Comparison of carotenoid gene expression in wild-type (WT) and PSY ‘Royal Gala’ apple lines, OE-5 and OE-7, as determined by qPCR, relative to expression of housekeeping genes (MdActin and MdEF1A) in fruit skin (A) and fruit flesh (B). Bars represent means and SE of four biological replicates. PSY, phytoene synthase; PDS, phytoene desaturase; ZDS, zeta carotene desaturase; CRTISO, carotene isomerase; LCB, lycopene beta-cyclase; BCH, beta-carotene hydroxylase. Bar graph with asterisk shows significant difference from WT at the same fruit stage using Dunnett’s test (*P < 0.05; **P < 0.01).

FIGURE 4

Differentially expressed genes in PSY transgenic apple fruit. Venn diagram of number of differentially expressed genes (log₂ fold change ≥ 2, P < 0.05) between WT and OE-7 fruit at four developmental stages (90, 120, 135, 150 D).

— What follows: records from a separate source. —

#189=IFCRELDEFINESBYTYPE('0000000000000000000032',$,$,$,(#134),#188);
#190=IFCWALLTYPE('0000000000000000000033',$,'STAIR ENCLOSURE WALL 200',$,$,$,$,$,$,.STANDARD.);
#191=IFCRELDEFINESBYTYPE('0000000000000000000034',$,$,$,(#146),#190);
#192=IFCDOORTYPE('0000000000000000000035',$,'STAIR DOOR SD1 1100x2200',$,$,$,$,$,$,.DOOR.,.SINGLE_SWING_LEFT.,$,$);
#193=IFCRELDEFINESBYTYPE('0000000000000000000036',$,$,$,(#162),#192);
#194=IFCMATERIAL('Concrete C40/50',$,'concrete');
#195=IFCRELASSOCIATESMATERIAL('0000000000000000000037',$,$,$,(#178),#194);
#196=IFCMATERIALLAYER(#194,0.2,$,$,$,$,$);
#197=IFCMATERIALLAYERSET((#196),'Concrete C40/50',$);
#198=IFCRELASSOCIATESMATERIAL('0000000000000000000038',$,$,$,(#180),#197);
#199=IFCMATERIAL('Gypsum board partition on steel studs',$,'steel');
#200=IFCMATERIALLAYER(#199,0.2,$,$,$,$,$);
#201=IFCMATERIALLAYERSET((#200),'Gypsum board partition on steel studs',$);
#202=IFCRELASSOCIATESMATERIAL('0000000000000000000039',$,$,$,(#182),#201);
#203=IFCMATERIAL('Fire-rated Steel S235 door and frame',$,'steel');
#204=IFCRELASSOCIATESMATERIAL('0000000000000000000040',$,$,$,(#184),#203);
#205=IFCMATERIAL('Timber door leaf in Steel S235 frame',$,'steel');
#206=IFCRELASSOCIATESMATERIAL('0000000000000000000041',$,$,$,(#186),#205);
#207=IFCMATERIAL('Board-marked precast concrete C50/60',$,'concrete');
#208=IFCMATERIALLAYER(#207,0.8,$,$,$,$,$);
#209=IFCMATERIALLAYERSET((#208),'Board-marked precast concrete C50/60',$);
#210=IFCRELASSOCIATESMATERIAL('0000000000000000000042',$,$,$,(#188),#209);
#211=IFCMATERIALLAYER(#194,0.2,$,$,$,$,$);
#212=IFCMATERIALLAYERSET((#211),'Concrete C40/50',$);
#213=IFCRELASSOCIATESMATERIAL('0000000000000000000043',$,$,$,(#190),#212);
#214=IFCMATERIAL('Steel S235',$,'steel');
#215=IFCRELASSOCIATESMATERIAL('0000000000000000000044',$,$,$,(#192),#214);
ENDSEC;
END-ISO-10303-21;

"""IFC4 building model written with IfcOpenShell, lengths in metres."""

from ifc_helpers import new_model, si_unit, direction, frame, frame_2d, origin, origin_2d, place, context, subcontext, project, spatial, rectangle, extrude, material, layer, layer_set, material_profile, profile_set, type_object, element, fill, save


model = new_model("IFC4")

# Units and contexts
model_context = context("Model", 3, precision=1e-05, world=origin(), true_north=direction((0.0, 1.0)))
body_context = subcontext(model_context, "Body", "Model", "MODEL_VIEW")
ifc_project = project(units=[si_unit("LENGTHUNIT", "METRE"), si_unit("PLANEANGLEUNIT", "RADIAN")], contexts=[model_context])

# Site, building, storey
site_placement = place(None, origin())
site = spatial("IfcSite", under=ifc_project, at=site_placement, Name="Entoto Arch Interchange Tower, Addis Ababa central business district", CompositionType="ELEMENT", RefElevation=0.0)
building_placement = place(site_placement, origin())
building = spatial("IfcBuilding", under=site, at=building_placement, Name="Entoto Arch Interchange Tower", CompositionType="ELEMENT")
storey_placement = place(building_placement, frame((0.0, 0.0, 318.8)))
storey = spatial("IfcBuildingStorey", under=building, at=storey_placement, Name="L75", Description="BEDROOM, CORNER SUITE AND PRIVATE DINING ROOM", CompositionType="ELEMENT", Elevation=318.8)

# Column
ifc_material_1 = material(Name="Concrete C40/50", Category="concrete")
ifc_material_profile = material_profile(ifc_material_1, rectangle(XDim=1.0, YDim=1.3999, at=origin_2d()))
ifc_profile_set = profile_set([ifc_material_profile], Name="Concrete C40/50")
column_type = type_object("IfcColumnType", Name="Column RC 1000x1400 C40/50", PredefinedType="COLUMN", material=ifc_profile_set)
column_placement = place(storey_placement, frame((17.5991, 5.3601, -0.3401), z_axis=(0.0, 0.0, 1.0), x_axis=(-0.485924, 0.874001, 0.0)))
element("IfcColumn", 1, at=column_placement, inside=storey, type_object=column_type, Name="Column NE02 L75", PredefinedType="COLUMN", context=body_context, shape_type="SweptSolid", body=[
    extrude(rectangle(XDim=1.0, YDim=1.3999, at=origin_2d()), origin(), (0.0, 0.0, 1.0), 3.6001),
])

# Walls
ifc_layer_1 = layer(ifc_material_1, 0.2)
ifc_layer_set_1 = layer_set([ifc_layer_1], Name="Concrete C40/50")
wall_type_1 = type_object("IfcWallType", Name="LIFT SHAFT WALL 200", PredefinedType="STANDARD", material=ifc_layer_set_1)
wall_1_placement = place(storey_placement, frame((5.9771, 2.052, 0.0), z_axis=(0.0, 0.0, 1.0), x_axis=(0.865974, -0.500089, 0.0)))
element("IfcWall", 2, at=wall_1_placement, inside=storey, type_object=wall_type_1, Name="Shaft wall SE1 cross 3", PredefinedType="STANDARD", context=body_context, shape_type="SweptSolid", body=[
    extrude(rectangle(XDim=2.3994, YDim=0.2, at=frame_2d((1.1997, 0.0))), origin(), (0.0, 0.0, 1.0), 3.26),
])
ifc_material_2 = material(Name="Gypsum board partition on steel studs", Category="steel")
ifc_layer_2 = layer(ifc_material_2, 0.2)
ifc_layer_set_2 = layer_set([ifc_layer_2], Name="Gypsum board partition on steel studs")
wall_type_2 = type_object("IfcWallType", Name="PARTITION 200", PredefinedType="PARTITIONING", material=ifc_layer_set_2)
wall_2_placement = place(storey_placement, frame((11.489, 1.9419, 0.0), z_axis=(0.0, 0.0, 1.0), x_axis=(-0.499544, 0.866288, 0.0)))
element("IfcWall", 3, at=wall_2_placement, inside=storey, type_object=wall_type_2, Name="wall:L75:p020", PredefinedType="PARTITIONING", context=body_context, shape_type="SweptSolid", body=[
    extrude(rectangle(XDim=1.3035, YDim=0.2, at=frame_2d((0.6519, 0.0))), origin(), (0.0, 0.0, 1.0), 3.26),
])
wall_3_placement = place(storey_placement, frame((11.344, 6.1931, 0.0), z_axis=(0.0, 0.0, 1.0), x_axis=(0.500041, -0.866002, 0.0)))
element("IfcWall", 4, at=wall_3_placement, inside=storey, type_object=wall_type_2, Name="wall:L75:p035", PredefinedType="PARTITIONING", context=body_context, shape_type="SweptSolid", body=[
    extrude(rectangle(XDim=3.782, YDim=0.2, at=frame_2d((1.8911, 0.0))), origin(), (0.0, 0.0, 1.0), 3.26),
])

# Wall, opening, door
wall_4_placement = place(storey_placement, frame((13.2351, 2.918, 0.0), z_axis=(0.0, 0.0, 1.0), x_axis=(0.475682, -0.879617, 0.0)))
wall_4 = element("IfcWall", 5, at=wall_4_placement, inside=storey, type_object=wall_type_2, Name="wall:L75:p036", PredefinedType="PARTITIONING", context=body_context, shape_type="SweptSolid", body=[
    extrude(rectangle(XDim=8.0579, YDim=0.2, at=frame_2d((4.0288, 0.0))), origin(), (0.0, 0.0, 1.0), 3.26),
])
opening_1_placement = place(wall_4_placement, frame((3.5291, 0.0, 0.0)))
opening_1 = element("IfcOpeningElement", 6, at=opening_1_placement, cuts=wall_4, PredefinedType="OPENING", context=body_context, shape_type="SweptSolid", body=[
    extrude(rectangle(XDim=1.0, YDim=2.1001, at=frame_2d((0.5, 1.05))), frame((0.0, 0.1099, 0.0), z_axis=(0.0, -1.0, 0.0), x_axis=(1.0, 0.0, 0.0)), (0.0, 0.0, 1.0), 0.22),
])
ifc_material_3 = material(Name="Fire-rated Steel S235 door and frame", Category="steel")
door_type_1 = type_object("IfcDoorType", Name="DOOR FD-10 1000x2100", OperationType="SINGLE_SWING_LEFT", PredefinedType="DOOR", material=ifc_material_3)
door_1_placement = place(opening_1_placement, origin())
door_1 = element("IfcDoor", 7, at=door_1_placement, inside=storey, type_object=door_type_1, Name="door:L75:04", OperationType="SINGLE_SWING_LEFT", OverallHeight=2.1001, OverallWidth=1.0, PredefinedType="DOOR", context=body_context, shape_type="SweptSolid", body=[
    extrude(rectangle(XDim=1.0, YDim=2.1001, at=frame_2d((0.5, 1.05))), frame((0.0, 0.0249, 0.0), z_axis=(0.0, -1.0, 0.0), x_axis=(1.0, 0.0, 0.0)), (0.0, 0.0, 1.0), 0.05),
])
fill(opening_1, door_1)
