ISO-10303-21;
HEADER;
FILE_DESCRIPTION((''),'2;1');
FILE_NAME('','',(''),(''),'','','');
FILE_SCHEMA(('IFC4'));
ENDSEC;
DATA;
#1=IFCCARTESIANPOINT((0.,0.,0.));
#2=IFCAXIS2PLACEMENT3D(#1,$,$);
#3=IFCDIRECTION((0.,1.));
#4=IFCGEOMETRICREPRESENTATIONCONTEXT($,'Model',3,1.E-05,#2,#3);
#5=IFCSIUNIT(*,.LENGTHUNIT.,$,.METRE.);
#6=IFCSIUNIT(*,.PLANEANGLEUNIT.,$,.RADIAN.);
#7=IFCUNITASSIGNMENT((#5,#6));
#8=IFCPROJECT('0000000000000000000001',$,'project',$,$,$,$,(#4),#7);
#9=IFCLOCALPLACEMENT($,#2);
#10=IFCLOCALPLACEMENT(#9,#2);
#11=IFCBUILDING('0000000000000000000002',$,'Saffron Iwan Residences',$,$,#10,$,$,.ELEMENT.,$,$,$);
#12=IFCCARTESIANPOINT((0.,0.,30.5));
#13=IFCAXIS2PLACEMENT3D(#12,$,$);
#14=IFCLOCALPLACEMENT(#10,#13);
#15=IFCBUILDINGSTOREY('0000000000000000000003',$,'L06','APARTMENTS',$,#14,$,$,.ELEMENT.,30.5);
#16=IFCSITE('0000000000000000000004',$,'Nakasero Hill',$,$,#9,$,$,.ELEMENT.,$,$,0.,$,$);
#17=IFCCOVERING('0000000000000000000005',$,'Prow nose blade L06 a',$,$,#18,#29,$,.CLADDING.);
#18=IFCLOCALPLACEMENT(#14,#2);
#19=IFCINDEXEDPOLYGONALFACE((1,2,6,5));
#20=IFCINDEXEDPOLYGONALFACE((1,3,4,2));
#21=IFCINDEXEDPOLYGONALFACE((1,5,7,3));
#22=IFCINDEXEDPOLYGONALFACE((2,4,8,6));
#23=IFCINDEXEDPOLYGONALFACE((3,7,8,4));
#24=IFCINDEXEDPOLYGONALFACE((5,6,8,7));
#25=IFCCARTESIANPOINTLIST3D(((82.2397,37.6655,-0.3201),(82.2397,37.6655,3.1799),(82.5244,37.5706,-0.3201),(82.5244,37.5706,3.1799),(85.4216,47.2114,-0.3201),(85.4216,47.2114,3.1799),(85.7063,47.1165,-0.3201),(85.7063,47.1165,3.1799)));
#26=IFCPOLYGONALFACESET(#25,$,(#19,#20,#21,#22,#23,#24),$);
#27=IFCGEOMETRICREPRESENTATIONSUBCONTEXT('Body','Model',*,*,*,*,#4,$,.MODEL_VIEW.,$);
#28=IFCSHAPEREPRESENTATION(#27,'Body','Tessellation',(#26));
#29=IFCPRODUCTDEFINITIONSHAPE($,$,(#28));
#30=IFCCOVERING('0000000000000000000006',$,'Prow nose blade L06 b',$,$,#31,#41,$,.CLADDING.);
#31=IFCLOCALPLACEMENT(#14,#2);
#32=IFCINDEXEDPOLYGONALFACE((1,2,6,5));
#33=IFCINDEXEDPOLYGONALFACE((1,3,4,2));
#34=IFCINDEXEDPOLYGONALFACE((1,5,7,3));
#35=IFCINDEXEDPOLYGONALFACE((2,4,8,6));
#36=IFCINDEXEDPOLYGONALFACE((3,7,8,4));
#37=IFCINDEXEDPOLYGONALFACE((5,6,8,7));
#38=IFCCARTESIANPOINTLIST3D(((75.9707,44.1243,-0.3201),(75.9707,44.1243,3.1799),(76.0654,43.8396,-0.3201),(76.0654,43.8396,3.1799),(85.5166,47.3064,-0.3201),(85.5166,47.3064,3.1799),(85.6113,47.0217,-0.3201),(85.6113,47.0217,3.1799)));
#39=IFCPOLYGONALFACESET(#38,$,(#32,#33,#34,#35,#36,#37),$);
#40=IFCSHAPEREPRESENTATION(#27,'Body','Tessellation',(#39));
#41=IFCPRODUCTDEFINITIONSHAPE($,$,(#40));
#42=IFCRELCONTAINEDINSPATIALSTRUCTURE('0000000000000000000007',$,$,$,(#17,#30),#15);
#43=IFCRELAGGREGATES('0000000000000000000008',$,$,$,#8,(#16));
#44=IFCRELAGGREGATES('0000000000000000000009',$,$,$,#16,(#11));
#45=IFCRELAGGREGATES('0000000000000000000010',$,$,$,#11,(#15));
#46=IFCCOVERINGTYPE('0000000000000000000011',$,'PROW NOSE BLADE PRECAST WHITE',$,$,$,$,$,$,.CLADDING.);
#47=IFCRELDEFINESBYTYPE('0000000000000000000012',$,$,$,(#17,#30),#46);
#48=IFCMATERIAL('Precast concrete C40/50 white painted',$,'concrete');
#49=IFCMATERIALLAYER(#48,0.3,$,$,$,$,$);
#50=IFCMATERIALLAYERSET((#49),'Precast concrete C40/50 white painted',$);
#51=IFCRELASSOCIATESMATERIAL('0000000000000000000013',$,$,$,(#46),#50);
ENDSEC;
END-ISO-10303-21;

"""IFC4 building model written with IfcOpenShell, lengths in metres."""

from ifc_helpers import new_model, si_unit, direction, frame, origin, place, context, subcontext, project, spatial, polyline, outline, extrude, material, layer, layer_set, type_object, element, save


model = new_model("IFC4")

# Units and contexts
model_context = context("Model", 3, precision=1e-05, world=origin(), true_north=direction((0.0, 1.0)))
body_context = subcontext(model_context, "Body", "Model", "MODEL_VIEW")
ifc_project = project(units=[si_unit("LENGTHUNIT", "METRE"), si_unit("PLANEANGLEUNIT", "RADIAN")], contexts=[model_context])

# Site, building, storey
site_placement = place(None, origin())
site = spatial("IfcSite", under=ifc_project, at=site_placement, Name="Nakasero Hill", CompositionType="ELEMENT", RefElevation=0.0)
building_placement = place(site_placement, origin())
building = spatial("IfcBuilding", under=site, at=building_placement, Name="Saffron Iwan Residences", CompositionType="ELEMENT")
storey_placement = place(building_placement, frame((0.0, 0.0, 30.5)))
storey = spatial("IfcBuildingStorey", under=building, at=storey_placement, Name="L06", Description="APARTMENTS", CompositionType="ELEMENT", Elevation=30.5)

# Coverings
ifc_material_1 = material(Name="Precast concrete C40/50 white painted", Category="concrete")
ifc_layer_1 = layer(ifc_material_1, 0.3)
ifc_layer_set_1 = layer_set([ifc_layer_1], Name="Precast concrete C40/50 white painted")
covering_type_1 = type_object("IfcCoveringType", Name="PROW NOSE BLADE PRECAST WHITE", PredefinedType="CLADDING", material=ifc_layer_set_1)
covering_1_placement = place(storey_placement, frame((0.0, 0.0, -0.3201)))
element("IfcCovering", 1, at=covering_1_placement, inside=storey, type_object=covering_type_1, Name="Prow nose blade L06 a", PredefinedType="CLADDING", context=body_context, shape_type="SweptSolid", body=[
    extrude(outline(polyline([(82.5244, 37.5706), (85.7063, 47.1165), (85.4216, 47.2114), (82.2397, 37.6655), (82.5244, 37.5706)])), origin(), (0.0, 0.0, 1.0), 3.5),
])
covering_2_placement = place(storey_placement, frame((0.0, 0.0, -0.3201)))
element("IfcCovering", 2, at=covering_2_placement, inside=storey, type_object=covering_type_1, Name="Prow nose blade L06 b", PredefinedType="CLADDING", context=body_context, shape_type="SweptSolid", body=[
    extrude(outline(polyline([(76.0654, 43.8396), (85.6113, 47.0217), (85.5166, 47.3064), (75.9707, 44.1243), (76.0654, 43.8396)])), origin(), (0.0, 0.0, 1.0), 3.5),
])

save(model, "model.ifc")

Upregulated (A), downregulated (B) in PSY fruit flesh.

FIGURE 5

Analysis of carotenoid-associated transcription factor genes. (A) Heat map of differentially expressed transcription factor genes (Supplementary Table S4) in apple fruit flesh during development. The average gene expression of biological replicates at each of the four stages: 90, 120, 135, and 150 D, from WT and PSY transgenic line OE-7, were clustered using Euclidean distance relationships. Green to red color gradient indicates low to high relative gene expression. (B) Correlation matrix of gene transcripts and carotenoid metabolites (β-carotene, BCAR; total carotenoid content, TOTCAR) in transgenic PSY fruit. Values represent correlation coefficients with color gradient from green to red indicating weak to strong correlations at P < 0.05.

FIGURE 6

PSY1 increased fruit carotenoid content in apple in the absence of light. (A) Representative bagged and non-bagged fruit of WT and PSY line OE-3 at 150 D. (B) Graphs showing carotenoid content in fruit skin (left) and flesh (right) of different PSY lines (OE-2, OE-3, OE-4) and WT. Error bars represent standard error of total carotenoid contents of three biological replicates. Bar graph with asterisk show significant difference from the non-bagged fruit of the same line using Dunnett’s test (*P < 0.05; **P < 0.01). (C) Stained fruit sections of WT and OE-3 displaying plastids (arrowed) in the cells.

FIGURE 7

Differentially expressed genes (DEGs) in bagged apple fruit. (A) Go Plot R of DEGs in bagged fruit of WT and OE-3 fruit. The scatter plots show log₂ fold change (logFC) for each gene under the gene ontology (GO) number. Red dots indicate upregulated genes and blue dots show downregulated genes. The z-score bars are a measure of the extent to which each identified process is upregulated or downregulated. (B) Heat map of differentially expressed transcription factor genes in bagged fruit. Clustering done using the average expression values of three biological replicates of bagged (BG) and non-bagged (NBG) fruit of WT and OE-3 transgenic line. Green to red color gradients indicate low to high relative gene expression. The highlighted TFs are common to the bagging and fruit development (Figure 5A) data sets.

FIGURE 8

Correlations between carotenoid content and TF gene expression as determined by qRT-PCR in (A) fruit skin and (B) fruit flesh of WT and PSY fruit. R² values indicate coefficient of determination.